Apr 6, 2016 by

In a rare show of unanimity, the justices stand behind the concept of one person, one vote.

A court that’s normally divided along ideological lines came together on a bedrock principle of voting rights. (Photo by Mark Wilson/Getty Images)

As the composition of the Supreme Court remains in flux following the death of one of its most outspoken justices and as the executive and legislative branches continue to battle over the timing of his replacement, the eight-member Court spoke in one voice today to affirm a bedrock democratic principle.

The case, Evenwel v. Abbott, upheld the longstanding principle of one-person one-vote and the practice of counting all persons in the drawing of state and local electoral districts across the nation. The majority of the court also robustly embraced the principle of a representational equality: “As the Framers of the Constitution and the Fourteenth Amendment comprehended, representatives serve all residents, not just those eligible to vote.”

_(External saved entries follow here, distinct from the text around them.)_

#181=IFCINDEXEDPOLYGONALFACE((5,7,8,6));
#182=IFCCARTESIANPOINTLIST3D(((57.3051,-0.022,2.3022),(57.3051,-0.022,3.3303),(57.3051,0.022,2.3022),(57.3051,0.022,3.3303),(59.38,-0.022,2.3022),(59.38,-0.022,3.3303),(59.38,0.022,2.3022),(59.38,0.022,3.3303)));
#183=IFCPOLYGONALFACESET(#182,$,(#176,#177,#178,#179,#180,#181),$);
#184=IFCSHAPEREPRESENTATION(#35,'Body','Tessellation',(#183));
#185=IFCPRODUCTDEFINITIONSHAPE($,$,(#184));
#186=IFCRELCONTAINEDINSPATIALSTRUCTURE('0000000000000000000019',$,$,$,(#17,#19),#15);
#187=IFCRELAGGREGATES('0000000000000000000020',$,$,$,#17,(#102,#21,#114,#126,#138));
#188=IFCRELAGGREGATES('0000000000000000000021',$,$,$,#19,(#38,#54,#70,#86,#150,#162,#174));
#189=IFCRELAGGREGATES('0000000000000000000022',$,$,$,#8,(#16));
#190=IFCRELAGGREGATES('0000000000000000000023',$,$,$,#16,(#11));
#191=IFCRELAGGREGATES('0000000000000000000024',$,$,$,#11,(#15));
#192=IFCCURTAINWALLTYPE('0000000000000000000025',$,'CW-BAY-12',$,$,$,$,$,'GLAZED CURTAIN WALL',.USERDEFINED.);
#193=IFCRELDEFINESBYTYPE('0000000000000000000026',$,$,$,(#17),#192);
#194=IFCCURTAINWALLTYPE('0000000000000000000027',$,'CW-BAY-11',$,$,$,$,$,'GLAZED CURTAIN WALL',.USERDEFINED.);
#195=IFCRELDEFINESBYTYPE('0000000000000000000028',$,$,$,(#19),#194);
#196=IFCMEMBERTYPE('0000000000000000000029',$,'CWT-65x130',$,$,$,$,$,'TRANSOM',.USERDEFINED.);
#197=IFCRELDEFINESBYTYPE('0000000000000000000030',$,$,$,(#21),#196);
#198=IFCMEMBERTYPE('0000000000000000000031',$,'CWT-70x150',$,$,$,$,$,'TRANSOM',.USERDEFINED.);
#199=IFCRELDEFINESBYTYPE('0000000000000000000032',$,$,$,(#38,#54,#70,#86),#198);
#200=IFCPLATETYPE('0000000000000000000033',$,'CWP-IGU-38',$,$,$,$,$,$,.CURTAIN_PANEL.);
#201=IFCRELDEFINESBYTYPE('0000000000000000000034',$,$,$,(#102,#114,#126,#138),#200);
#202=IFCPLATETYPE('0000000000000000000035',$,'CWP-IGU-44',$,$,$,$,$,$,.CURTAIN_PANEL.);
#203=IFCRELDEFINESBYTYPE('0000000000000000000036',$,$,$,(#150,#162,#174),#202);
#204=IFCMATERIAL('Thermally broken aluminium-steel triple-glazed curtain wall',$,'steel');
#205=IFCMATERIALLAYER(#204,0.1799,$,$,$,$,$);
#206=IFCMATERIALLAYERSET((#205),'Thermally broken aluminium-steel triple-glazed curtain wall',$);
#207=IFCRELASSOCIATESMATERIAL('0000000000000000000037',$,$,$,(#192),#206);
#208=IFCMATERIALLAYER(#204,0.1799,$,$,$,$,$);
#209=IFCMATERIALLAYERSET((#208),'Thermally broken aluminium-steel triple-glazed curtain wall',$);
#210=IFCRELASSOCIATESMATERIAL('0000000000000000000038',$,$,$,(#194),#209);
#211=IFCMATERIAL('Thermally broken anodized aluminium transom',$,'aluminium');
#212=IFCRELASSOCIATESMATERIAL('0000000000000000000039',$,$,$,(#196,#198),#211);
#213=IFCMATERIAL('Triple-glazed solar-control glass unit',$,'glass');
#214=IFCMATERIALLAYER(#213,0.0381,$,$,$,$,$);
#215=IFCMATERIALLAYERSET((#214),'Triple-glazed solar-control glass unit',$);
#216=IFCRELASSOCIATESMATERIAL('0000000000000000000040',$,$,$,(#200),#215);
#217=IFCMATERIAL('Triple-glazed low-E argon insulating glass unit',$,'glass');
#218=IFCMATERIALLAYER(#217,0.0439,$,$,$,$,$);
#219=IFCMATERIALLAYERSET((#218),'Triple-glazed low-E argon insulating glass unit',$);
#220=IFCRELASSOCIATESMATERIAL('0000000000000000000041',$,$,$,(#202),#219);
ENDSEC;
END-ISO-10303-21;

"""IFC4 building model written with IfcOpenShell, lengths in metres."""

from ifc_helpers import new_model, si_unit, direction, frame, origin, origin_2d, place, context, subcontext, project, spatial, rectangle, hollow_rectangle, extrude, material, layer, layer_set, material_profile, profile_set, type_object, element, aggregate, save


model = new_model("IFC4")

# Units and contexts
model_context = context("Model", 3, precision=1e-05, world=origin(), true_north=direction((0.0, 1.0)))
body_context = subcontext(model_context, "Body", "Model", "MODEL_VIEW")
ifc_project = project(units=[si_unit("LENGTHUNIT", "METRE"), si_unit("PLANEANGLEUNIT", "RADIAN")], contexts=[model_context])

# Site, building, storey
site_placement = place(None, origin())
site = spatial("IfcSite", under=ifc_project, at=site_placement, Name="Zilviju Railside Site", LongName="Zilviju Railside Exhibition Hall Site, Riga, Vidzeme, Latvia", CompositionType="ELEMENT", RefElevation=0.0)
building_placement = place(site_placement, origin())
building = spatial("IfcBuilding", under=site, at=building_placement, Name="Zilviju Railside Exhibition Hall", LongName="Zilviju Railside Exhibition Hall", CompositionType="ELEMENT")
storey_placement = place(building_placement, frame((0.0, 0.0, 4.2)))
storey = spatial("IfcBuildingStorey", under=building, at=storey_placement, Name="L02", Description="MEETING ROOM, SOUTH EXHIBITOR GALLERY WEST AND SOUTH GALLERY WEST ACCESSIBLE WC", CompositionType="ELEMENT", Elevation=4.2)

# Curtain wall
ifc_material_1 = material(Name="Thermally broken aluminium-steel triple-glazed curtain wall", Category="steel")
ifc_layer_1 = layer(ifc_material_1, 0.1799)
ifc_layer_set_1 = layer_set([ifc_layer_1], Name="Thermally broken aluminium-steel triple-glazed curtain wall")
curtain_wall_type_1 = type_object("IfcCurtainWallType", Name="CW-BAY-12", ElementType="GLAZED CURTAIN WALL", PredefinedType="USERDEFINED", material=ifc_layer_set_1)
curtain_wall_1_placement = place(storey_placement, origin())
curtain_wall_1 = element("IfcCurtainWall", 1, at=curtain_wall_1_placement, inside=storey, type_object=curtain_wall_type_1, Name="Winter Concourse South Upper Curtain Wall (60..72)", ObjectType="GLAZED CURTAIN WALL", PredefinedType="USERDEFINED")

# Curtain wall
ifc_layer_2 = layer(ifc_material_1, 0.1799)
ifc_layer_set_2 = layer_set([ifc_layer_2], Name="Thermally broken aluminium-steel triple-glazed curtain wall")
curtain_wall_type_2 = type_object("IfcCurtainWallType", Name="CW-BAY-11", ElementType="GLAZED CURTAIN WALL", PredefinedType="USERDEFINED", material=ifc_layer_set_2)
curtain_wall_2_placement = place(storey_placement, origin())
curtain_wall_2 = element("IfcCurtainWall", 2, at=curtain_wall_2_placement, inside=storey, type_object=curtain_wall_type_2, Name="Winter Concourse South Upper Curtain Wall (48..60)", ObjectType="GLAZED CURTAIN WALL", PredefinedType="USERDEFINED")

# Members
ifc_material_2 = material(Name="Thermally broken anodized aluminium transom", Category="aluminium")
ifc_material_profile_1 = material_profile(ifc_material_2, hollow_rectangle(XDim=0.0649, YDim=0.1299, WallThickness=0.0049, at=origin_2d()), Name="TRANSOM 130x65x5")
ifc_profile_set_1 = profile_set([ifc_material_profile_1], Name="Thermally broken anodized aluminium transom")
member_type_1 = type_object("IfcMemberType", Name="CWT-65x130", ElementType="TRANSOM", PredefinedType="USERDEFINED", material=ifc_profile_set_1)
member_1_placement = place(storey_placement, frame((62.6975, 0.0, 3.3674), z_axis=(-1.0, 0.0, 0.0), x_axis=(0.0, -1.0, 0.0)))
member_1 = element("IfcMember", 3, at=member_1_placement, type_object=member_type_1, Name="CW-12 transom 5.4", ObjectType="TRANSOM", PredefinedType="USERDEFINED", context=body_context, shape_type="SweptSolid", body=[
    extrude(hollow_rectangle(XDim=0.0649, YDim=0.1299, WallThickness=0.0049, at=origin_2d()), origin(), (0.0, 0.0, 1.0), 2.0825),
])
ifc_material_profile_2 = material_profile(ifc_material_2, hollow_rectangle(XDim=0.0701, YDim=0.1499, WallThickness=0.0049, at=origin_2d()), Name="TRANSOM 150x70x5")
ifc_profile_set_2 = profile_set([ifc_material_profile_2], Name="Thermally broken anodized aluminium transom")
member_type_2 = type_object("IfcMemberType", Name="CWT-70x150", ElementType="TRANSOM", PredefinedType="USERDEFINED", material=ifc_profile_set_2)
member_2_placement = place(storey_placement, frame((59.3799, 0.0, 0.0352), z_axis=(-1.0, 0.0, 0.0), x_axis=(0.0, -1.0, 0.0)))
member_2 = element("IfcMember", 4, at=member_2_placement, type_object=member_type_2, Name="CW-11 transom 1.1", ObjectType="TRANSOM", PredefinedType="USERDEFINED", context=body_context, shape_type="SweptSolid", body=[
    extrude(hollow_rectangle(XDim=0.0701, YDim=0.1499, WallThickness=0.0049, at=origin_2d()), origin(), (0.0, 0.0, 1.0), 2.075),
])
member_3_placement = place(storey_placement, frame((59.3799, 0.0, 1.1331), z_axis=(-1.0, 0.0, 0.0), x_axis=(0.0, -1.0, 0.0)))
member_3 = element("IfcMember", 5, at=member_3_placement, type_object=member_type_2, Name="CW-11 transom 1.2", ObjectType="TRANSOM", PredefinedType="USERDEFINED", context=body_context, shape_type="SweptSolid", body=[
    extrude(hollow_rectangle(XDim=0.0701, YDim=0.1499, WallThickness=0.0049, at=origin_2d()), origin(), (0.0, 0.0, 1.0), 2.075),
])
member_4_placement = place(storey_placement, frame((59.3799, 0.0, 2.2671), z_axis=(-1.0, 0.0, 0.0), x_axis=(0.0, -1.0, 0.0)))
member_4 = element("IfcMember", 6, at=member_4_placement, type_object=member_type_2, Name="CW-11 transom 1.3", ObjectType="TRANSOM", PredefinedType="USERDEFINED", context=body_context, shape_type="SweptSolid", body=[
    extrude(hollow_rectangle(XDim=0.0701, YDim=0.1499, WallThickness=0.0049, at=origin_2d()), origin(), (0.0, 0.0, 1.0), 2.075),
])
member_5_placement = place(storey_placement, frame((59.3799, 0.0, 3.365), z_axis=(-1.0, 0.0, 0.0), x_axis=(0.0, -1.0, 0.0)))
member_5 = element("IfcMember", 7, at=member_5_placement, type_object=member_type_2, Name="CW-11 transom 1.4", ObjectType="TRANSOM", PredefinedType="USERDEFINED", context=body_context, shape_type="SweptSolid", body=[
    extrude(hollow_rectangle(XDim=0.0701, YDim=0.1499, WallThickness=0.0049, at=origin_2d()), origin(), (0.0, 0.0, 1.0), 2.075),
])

The suit was brought by two white voters from rural districts in Texas to challenge the state’s use of total population when drawing its state legislative districts. The use of total population in state redistricting has been a nearly universal practice not only in Texas but in all 50 states and countless local jurisdictions across the country for well over 50 years. The challengers here sought to change that practice and replace it with a count of eligible voters, meaning only persons eligible to cast ballots would be counted for purposes of redistricting.

Ruth Bader Ginsburg

Ruth Bader Ginsburg (Getty Images)

The court unanimously upheld the decision of a three-judge federal trial court dismissing the challenge out of hand on the ground that it is not a legally viable claim. Indeed, Justice Ruth Bader Ginsburg, who wrote the opinion for Court, stated, “the rule appellants urge has no mooring in the Equal Protection Clause” — the provision of the U.S. Constitution under which the challenge was brought.

In some ways, the opinion summoned the analytical method most commonly associated with the late Justice Antonin Scalia — originalism.

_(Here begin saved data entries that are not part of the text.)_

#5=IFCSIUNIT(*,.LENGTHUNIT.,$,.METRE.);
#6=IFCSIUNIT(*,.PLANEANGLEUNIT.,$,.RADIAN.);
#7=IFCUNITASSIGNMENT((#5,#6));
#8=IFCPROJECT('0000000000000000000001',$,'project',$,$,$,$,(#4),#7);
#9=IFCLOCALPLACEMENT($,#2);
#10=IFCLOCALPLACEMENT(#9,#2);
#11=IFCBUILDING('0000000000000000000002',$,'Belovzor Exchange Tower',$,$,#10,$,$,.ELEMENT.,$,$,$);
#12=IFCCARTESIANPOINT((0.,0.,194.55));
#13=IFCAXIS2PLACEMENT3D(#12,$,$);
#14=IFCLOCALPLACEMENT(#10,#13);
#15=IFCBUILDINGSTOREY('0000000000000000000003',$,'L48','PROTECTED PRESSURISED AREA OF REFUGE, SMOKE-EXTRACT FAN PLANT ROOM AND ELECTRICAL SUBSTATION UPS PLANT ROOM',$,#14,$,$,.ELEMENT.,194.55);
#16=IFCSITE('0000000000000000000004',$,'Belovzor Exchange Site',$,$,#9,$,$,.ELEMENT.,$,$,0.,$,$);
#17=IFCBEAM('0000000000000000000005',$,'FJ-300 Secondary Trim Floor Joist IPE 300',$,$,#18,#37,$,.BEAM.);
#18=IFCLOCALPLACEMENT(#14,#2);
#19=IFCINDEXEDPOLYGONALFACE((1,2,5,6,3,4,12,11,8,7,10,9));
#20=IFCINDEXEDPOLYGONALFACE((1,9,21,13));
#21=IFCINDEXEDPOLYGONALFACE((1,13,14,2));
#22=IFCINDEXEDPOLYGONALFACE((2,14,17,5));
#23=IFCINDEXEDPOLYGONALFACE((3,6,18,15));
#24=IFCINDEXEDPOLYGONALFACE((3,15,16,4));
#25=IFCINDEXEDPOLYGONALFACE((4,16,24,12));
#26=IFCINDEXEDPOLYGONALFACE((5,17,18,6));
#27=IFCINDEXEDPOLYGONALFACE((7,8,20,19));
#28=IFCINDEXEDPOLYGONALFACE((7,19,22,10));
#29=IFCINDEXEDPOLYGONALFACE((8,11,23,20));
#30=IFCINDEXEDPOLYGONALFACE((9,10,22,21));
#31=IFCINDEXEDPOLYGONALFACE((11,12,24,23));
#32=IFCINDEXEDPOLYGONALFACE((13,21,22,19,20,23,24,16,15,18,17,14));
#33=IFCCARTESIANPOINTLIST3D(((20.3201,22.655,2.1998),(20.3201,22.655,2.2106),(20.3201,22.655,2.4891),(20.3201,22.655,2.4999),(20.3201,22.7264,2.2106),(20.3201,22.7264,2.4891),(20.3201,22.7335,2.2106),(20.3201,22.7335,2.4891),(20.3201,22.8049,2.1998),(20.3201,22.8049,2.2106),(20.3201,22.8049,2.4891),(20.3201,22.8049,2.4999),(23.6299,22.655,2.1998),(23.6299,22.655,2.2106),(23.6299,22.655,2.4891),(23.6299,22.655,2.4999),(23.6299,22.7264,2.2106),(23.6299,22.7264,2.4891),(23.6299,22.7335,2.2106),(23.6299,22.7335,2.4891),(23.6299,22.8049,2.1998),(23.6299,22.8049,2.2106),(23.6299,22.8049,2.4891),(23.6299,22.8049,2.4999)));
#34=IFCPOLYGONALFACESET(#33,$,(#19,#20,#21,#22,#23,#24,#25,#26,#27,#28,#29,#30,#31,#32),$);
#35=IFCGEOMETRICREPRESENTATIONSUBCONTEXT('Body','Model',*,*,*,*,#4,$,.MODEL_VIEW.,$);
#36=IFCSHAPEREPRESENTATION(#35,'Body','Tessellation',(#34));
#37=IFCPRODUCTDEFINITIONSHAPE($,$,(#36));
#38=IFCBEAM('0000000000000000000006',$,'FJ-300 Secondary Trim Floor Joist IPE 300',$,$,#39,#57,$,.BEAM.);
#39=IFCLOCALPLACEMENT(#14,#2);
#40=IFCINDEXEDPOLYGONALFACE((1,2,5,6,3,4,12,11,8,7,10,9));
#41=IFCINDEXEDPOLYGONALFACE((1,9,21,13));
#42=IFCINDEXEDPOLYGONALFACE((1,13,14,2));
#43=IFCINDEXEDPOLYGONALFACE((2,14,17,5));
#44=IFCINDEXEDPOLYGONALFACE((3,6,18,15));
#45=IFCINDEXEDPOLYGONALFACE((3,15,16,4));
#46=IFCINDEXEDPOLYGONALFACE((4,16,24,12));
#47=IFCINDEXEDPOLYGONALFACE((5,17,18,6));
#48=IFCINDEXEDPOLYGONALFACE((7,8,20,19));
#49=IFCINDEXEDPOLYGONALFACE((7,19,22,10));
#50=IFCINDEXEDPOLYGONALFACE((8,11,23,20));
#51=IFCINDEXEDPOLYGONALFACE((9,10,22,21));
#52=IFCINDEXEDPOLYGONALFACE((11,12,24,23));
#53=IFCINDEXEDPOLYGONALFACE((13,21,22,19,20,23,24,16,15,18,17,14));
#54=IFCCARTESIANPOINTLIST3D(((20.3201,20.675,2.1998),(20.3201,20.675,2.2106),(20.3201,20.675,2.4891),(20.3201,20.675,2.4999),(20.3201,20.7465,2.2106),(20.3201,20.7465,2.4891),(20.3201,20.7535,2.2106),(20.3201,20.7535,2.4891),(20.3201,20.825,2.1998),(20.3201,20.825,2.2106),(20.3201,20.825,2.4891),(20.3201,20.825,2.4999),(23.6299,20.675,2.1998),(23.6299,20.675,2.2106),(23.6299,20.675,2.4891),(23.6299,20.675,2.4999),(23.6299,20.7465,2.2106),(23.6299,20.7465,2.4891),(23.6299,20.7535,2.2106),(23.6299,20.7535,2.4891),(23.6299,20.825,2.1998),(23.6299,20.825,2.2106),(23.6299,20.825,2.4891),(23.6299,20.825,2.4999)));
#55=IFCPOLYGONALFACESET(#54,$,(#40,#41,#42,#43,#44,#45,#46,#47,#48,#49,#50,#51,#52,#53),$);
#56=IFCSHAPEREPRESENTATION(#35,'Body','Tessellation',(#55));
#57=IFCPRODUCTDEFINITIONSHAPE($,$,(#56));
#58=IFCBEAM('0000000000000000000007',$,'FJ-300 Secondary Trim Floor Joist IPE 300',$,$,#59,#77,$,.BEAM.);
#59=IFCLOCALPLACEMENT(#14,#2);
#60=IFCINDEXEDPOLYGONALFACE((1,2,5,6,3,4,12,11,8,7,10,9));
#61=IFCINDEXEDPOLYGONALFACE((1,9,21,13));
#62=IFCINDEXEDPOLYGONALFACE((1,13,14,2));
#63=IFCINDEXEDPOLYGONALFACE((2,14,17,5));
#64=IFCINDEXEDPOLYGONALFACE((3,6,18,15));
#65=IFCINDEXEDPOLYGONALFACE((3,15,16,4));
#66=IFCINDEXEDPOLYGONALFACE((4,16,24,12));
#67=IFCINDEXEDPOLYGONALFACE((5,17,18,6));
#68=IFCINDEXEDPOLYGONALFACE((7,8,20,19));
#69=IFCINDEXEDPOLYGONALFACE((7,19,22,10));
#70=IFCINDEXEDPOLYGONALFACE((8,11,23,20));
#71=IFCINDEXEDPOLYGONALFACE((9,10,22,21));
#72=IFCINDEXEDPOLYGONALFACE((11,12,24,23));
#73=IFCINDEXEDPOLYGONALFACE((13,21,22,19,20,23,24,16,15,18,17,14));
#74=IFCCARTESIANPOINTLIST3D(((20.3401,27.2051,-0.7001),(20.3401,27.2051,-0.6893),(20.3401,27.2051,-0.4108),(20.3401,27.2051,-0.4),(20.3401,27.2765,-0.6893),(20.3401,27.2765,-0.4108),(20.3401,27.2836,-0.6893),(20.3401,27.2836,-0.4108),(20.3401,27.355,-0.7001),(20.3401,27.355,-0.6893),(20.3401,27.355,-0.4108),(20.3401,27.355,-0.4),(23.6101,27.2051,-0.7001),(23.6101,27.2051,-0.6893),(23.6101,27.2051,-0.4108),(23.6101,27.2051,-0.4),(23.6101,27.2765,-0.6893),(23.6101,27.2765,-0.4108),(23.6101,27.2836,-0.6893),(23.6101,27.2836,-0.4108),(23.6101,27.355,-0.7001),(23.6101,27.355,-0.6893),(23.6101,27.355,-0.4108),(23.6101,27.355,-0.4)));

What this means for voters going forward is that the status quo that has worked for our democracy for more than half a century — counting all residents for redistricting — remains fully constitutional. States and smaller locales will continue to be able to count voters and non-voters alike to determine how many persons can populate an election district.

In some ways, the opinion summoned the analytical method most commonly associated with the late Justice Antonin Scalia — originalism. The opinion carefully and thoroughly set forth the historical and constitutional underpinnings of using total population, dating back to the Constitutional Conventions, quoting Alexander Hamilton and James Madison, among others.

Justice Clarence Thomas (TIM SLOAN/AFP/Getty Images)

Justice Clarence Thomas (TIM SLOAN/AFP/Getty Images)

This would help explain the unanimity on the Court and the agreement among its most conservative members — Justices Clarence Thomas and Samuel Alito — who each wrote a separate concurrence but also roundly embraced the ultimate conclusion of the Court that the Constitution permits total population count. Justice Alito, while disagreeing with some of the majority’s historical interpretation, even went so far as to acknowledge the perils of using alternative counting methods: “These [total population] statistics are more reliable and less subject to manipulation and dispute that statistics concerning eligible voters.”

This is an argument the NAACP Legal Defense and Educational Fund, Inc. made strenuously in its amicus brief in support of Texas. Forcing states to count only eligible voters would invite political gamesmanship and potential voter disenfranchisement because the rules for voter eligibility would also determine who is counted for redistricting and who is not. The principle of one person-one vote that the Court affirmed today is a direct result of such manipulation along racial lines that characterized the better part of the Nineteenth Century.

Indeed, the winner in today’s decision is not just the state of Texas, it is the millions of people who would have been counted out of representation.

Prior to seminal cases such as Gomillion v. Lightfoot and Reynolds v. Sims, and the passage of the Voting Rights Act 1965, states used a plethora of racially discriminatory tactics, such as electoral apportionment schemes, literacy tests, poll taxes, and outright disenfranchisement, to deny African-American political representation. The court today rejected an attempt to return to that shameful history in favor of more inclusive vision of democracy.

Indeed, the winner in today’s decision is not just the state of Texas, it is the millions of people who would have been counted out of representation. It is the 75 million children, 13 million of whom are black, who are not yet eligible to vote, but still deserve representation. It is the people living in urban areas, people on the path to citizenship, those not registered to vote — some due to racially discriminatory felon disfranchisement laws — who continue to have a seat at the table of our democracy. This re-affirmation of our commitment to an inclusive, representative democracy comes at a critical time as we begin to plan for decennial census count in fewer than four years as a more racially and ethnically diverse nation than ever before where everyone counts.